Q: Mechanism that has some people providing direction and other executions seems in humans tied to something that goes against grain. Can do big things if we direct/follow, but at the same time it kills itself.

F: Can’t divide accountability and authority.

Q: This reminds me of the six sigma fallacy. Japan worked perfectly until went over cliff. Is it better to have corporations die than try to get them to change direction.

A: Believe in Schumpter, but also that many corporations die before their time.

F: My favorite institution in that respect. Bank of England in 1696. Without it would be no USA, financed Spanish war. Also second bank of US, killed by Jackson. The inability to clear a cheque in a second a legacy. Still don’t have a proper clearing system in US. Remember practices in early 70s from London that you still can’t do in the US.

Q [RG]: 7 simultaneous equations. Some corporations working on lower layers. May eventually outsource stuff to IBM. Real-time biz intelligence etc all trying to replicate Dell. Good news is everyone wants to be like Dell.
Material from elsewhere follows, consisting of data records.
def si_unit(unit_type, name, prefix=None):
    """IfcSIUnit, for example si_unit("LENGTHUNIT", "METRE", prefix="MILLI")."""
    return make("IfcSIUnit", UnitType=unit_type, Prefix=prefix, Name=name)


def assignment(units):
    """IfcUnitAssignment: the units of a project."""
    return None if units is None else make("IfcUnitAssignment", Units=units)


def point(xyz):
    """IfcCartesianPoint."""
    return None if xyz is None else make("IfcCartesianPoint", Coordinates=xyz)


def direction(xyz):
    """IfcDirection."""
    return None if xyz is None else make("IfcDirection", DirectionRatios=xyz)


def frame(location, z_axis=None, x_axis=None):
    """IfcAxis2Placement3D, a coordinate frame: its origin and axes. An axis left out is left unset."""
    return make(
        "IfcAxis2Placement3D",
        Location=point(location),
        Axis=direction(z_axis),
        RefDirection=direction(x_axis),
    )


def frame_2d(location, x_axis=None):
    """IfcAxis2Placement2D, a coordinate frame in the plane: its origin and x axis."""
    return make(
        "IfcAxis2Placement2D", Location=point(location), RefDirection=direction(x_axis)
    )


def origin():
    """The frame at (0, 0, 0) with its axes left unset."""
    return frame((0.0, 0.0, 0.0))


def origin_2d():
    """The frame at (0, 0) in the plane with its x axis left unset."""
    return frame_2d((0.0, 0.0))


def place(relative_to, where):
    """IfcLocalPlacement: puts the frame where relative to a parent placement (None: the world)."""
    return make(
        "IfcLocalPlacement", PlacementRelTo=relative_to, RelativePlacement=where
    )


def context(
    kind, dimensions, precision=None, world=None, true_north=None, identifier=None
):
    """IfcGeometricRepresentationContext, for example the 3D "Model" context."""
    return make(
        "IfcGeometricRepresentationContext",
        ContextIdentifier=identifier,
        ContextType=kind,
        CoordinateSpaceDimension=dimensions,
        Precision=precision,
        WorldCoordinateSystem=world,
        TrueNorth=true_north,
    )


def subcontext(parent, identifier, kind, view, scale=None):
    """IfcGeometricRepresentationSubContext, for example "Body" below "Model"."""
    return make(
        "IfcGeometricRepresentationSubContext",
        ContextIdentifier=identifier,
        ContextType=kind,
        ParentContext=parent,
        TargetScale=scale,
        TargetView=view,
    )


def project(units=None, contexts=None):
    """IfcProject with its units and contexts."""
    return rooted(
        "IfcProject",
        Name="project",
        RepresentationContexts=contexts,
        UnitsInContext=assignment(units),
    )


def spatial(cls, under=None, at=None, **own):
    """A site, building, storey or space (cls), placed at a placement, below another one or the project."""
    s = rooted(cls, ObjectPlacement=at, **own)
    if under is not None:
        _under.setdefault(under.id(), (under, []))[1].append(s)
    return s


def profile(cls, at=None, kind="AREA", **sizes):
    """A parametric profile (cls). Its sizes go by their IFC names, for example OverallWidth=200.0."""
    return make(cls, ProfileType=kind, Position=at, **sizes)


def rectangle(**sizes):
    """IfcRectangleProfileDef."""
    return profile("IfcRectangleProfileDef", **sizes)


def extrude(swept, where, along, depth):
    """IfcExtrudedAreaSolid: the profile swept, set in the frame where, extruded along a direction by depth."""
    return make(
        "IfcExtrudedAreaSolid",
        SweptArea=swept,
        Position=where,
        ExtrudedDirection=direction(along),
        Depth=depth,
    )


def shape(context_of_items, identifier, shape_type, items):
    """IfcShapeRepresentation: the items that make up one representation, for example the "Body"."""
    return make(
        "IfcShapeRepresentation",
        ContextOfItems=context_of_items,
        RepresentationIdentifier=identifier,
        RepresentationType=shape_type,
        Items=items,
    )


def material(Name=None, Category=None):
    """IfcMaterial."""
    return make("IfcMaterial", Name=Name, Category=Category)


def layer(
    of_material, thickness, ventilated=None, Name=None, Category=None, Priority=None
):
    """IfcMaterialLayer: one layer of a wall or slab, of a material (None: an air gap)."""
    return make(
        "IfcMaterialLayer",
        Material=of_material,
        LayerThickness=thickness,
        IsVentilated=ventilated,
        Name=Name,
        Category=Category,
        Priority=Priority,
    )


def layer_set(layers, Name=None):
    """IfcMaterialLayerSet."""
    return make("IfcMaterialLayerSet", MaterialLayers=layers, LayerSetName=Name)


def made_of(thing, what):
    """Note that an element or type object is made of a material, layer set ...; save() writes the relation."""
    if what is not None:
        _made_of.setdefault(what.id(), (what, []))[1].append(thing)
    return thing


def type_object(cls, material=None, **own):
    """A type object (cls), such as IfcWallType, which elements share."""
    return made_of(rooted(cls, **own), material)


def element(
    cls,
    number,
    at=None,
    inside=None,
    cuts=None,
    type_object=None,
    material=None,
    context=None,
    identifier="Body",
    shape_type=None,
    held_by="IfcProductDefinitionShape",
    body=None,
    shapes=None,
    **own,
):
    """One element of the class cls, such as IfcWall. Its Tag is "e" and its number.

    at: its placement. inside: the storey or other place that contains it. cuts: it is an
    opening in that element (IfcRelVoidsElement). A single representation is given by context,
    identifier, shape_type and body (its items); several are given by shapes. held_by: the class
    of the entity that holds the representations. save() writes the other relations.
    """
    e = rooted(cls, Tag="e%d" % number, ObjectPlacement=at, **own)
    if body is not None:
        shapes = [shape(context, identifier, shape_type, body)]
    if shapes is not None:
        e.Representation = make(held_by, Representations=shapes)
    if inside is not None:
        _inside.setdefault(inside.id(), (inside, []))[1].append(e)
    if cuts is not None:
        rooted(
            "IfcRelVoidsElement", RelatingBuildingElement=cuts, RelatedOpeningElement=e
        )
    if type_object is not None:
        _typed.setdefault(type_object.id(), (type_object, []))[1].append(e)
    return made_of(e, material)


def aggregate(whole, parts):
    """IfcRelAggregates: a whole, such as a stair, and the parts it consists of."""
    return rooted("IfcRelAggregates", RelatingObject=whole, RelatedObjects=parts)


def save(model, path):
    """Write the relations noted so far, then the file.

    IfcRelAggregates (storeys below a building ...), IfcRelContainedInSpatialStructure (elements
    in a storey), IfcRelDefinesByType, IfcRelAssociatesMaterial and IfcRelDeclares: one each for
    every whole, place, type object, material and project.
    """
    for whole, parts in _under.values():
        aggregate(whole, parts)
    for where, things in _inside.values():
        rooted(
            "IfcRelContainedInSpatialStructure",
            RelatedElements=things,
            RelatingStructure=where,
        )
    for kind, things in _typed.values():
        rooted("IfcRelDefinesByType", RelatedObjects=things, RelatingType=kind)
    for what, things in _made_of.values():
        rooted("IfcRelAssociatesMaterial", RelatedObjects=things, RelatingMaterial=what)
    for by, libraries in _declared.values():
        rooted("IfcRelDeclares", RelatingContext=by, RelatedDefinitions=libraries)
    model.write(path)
A: What does HP keep? What does it do that even Dell doesn’t do?

F: Existential crisis at HP. Logic says HP should unload everything except printers. But have put it off. But Dell now entering printers. A few percent and their printer business implodes. What are these guys doing. This is madness

Q: I’ve always believed velocity of info affects wealth creation. In CA with some GM folks. JD Power said lowest ranking quality level in automobile is 20% above where highest was 10 years ago. How do you see orgs in general

A: I believe quality in consumer electronics has peaked and going downhill. Dynamics in HP improving, getting better now feuds dying down.

F: Companies that win control the sales process. Thinking of taking on one axis cash conversion ratios, and churn rates on other axis. 0.98 R^2.